- Genre: Drama
- Created by: Danny Brocklehurst
- Written by: Danny Brocklehurst
- Directed by: John Alexander
- Starring: Sheridan Smith;
- Composer: Adrian Johnston
- Country of origin: United Kingdom
- Original language: English
- No. of series: 1
- No. of episodes: 4

Production
- Executive producers: John Alexander; Danny Brocklehurst; Richard Fee; Nicola Shindler;
- Producer: Farah Abushwesha
- Running time: 60 mins.
- Production company: Red Production Company

Original release
- Network: ITV1
- Release: 7 February – 28 February 2022

= No Return (British TV series) =

British television drama

No Return is a four-part British television drama, written by Danny Brocklehurst. It stars Sheridan Smith as a mother whose son is accused of sexual assault, while on holiday. It aired on ITV from 7 February to 28 February 2022.

==Synopsis==
Kathy and Martin, along with their son Noah, go on a family holiday in Turkey.
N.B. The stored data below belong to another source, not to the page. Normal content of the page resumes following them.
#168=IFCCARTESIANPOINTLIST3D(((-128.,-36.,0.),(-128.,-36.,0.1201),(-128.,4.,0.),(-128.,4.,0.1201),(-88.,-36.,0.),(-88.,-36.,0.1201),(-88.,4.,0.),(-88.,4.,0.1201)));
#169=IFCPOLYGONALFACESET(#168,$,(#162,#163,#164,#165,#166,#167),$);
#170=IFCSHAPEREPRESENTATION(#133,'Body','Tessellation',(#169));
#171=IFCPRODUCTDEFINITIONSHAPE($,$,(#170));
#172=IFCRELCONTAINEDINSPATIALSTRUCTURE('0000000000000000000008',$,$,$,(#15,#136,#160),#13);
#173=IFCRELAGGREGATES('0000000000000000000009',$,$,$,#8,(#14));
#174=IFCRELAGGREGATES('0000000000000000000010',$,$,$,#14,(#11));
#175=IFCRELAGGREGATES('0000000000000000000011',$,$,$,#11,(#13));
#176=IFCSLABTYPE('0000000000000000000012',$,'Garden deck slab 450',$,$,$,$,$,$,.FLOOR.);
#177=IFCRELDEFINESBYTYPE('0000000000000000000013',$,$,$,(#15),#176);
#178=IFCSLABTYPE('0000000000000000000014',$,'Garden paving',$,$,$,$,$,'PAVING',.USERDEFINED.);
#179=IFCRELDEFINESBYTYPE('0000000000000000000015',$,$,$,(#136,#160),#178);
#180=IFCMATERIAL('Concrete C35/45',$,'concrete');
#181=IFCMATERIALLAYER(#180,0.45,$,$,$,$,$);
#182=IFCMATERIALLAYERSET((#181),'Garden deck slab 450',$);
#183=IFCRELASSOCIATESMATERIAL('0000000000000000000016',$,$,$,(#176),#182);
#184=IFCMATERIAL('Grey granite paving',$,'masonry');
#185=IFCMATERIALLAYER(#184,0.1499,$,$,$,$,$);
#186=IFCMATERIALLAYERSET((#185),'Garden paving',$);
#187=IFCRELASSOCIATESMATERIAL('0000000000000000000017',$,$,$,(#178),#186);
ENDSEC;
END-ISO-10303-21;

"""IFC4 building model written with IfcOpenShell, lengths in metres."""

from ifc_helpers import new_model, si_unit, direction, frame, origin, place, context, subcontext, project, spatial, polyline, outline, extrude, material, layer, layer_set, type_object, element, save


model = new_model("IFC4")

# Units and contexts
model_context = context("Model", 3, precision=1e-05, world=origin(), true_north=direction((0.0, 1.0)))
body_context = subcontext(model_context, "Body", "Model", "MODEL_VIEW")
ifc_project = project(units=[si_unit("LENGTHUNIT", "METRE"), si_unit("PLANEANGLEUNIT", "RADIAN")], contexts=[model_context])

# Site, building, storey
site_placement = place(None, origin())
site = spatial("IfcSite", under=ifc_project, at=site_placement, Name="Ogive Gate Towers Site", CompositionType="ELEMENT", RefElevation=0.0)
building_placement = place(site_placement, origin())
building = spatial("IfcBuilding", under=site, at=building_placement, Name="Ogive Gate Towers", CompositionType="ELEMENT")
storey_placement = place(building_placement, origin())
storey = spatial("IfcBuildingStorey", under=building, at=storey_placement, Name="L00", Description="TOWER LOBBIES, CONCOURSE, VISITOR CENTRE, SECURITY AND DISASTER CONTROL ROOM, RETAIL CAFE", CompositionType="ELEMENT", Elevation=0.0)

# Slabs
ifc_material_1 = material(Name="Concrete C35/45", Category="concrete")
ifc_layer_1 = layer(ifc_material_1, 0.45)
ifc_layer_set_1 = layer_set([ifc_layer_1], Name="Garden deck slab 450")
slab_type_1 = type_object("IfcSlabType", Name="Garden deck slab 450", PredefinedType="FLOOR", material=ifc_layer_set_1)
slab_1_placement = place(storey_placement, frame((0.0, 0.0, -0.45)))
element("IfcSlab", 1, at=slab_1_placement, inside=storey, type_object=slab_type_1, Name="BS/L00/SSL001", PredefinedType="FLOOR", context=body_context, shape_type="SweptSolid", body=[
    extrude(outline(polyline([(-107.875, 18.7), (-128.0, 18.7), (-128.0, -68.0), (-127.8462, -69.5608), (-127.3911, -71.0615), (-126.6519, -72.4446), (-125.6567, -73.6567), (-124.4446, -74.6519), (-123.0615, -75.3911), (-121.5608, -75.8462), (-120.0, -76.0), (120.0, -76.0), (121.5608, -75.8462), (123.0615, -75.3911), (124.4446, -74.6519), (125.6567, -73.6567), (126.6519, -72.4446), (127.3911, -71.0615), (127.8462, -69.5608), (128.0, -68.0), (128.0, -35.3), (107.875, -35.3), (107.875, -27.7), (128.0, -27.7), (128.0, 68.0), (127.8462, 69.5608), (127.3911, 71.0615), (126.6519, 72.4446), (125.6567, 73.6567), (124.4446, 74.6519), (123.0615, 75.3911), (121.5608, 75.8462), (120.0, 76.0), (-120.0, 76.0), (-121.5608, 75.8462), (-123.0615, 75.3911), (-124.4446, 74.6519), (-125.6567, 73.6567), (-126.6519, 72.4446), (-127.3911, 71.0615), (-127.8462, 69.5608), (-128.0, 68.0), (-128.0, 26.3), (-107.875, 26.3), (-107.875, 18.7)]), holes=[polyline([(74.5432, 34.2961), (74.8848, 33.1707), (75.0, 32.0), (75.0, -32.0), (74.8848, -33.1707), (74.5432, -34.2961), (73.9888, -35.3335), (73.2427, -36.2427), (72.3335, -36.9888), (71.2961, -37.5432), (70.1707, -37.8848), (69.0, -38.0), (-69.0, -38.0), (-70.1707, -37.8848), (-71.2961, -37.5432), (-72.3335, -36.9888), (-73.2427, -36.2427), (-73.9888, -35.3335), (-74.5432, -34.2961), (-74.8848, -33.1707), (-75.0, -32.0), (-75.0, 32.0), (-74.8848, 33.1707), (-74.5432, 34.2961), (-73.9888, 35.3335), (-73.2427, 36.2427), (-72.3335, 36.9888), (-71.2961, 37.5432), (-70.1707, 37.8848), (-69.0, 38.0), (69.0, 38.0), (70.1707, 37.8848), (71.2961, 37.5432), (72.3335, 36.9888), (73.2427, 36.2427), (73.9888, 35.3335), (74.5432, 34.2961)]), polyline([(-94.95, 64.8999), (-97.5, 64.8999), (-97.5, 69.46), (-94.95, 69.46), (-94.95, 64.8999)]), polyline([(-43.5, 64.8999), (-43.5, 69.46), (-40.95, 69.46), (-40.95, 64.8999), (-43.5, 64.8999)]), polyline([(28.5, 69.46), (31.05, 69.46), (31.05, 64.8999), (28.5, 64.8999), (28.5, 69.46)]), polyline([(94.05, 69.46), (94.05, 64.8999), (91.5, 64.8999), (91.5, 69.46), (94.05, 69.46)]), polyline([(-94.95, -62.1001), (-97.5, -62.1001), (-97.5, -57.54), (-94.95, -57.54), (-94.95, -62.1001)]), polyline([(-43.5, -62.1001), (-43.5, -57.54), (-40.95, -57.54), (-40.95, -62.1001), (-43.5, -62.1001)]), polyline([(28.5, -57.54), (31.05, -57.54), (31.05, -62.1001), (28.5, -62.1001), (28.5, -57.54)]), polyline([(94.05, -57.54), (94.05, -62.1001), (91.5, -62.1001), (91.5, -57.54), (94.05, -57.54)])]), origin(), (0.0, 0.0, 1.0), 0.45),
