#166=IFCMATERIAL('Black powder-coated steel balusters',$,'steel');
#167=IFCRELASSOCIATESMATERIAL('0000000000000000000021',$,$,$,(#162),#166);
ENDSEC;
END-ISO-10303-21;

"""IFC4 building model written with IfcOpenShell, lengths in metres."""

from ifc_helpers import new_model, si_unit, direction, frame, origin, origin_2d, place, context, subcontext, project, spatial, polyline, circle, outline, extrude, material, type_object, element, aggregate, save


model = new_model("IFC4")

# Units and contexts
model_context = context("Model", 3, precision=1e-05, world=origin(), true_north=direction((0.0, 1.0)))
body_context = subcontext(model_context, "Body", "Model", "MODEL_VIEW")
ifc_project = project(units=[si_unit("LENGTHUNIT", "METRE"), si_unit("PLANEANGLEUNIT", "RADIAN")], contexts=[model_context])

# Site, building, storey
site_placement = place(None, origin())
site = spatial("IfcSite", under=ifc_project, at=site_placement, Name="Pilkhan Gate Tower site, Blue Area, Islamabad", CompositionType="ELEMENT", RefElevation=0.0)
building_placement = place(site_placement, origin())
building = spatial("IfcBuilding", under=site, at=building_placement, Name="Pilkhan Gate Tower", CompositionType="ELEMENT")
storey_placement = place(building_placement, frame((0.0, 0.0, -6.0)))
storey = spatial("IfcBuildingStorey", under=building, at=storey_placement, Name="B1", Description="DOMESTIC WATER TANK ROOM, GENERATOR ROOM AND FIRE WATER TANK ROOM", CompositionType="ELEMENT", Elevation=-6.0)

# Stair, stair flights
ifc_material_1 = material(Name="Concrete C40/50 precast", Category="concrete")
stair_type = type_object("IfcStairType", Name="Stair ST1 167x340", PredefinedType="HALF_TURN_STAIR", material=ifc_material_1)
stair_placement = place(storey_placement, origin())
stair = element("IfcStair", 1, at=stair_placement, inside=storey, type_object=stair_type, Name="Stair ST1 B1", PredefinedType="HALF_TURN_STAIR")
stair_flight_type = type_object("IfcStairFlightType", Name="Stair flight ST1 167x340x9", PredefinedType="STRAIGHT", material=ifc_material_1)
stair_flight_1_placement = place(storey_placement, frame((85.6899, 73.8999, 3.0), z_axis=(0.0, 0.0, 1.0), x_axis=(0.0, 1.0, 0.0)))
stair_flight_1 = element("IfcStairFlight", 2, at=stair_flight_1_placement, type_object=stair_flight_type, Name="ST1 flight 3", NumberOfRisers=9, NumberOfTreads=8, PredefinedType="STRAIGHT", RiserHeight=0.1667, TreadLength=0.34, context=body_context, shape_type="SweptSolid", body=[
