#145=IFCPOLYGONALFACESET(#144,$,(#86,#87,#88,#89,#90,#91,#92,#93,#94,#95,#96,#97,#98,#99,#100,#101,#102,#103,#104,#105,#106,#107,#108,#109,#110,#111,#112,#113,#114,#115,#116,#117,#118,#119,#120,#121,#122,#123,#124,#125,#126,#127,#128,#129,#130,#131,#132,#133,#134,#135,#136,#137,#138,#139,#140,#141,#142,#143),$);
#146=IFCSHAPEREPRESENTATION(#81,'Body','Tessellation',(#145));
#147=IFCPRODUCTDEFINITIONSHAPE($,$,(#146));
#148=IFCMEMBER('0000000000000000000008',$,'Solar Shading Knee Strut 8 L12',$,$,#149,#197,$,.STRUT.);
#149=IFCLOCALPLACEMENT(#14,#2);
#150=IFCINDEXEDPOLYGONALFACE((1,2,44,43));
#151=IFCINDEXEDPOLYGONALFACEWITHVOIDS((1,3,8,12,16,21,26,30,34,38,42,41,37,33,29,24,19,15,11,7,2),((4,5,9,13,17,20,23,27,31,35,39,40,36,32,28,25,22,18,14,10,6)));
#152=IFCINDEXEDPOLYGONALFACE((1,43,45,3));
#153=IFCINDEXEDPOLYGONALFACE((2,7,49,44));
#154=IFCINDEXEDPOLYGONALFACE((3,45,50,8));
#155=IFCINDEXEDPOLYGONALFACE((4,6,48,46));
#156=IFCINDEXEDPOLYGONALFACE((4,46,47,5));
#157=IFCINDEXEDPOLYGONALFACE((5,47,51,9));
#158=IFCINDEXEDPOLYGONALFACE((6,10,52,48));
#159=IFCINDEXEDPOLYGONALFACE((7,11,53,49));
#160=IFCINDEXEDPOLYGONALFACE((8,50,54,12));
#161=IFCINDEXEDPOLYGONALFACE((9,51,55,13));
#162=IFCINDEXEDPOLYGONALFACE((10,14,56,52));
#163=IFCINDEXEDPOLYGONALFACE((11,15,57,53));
However, after Noah is invited to a beach party, he is arrested for sexual assault and his parents are thrown into a world of turmoil and unfamiliar legal systems.

==Cast==
- Sheridan Smith as Kathy Powell
- Michael Jibson as Martin Powell
- Louis Ashbourne Serkis as Noah Powell
- Siân Brooke as Megan McGee
- David Mumeni as Steve McGee
- Lily Sutcliffe as Jessica Powell
- Jack Chorley as Fred McGee
- Jodie Campbell as Rosie
- Philip Arditti as Rico Karvalci
- Murat Seven as Ismail
- Rufus Hound as Al Milner
- Cosh Omar as Judge Ersoy

==Episodes==

| No. | Title | Directed by | Written by | Original release date | UK viewers (millions) |
|---|---|---|---|---|---|
| 1 | "Episode 1" | John Alexander | Danny Brocklehurst | 7 February 2022 | N/A |
| 2 | "Episode 2" | John Alexander | Danny Brocklehurst | 14 February 2022 | N/A |
| 3 | "Episode 3" | John Alexander | Danny Brocklehurst | 21 February 2022 | N/A |
| 4 | "Episode 4" | John Alexander | Danny Brocklehurst | 28 February 2022 | N/A |

==Reception==
Anita Singh of The Daily Telegraph gave it three out of five stars. Carol Midgley of The Times gave it three out five stars. Nick Hilton of The Independent also gave it three out five stars.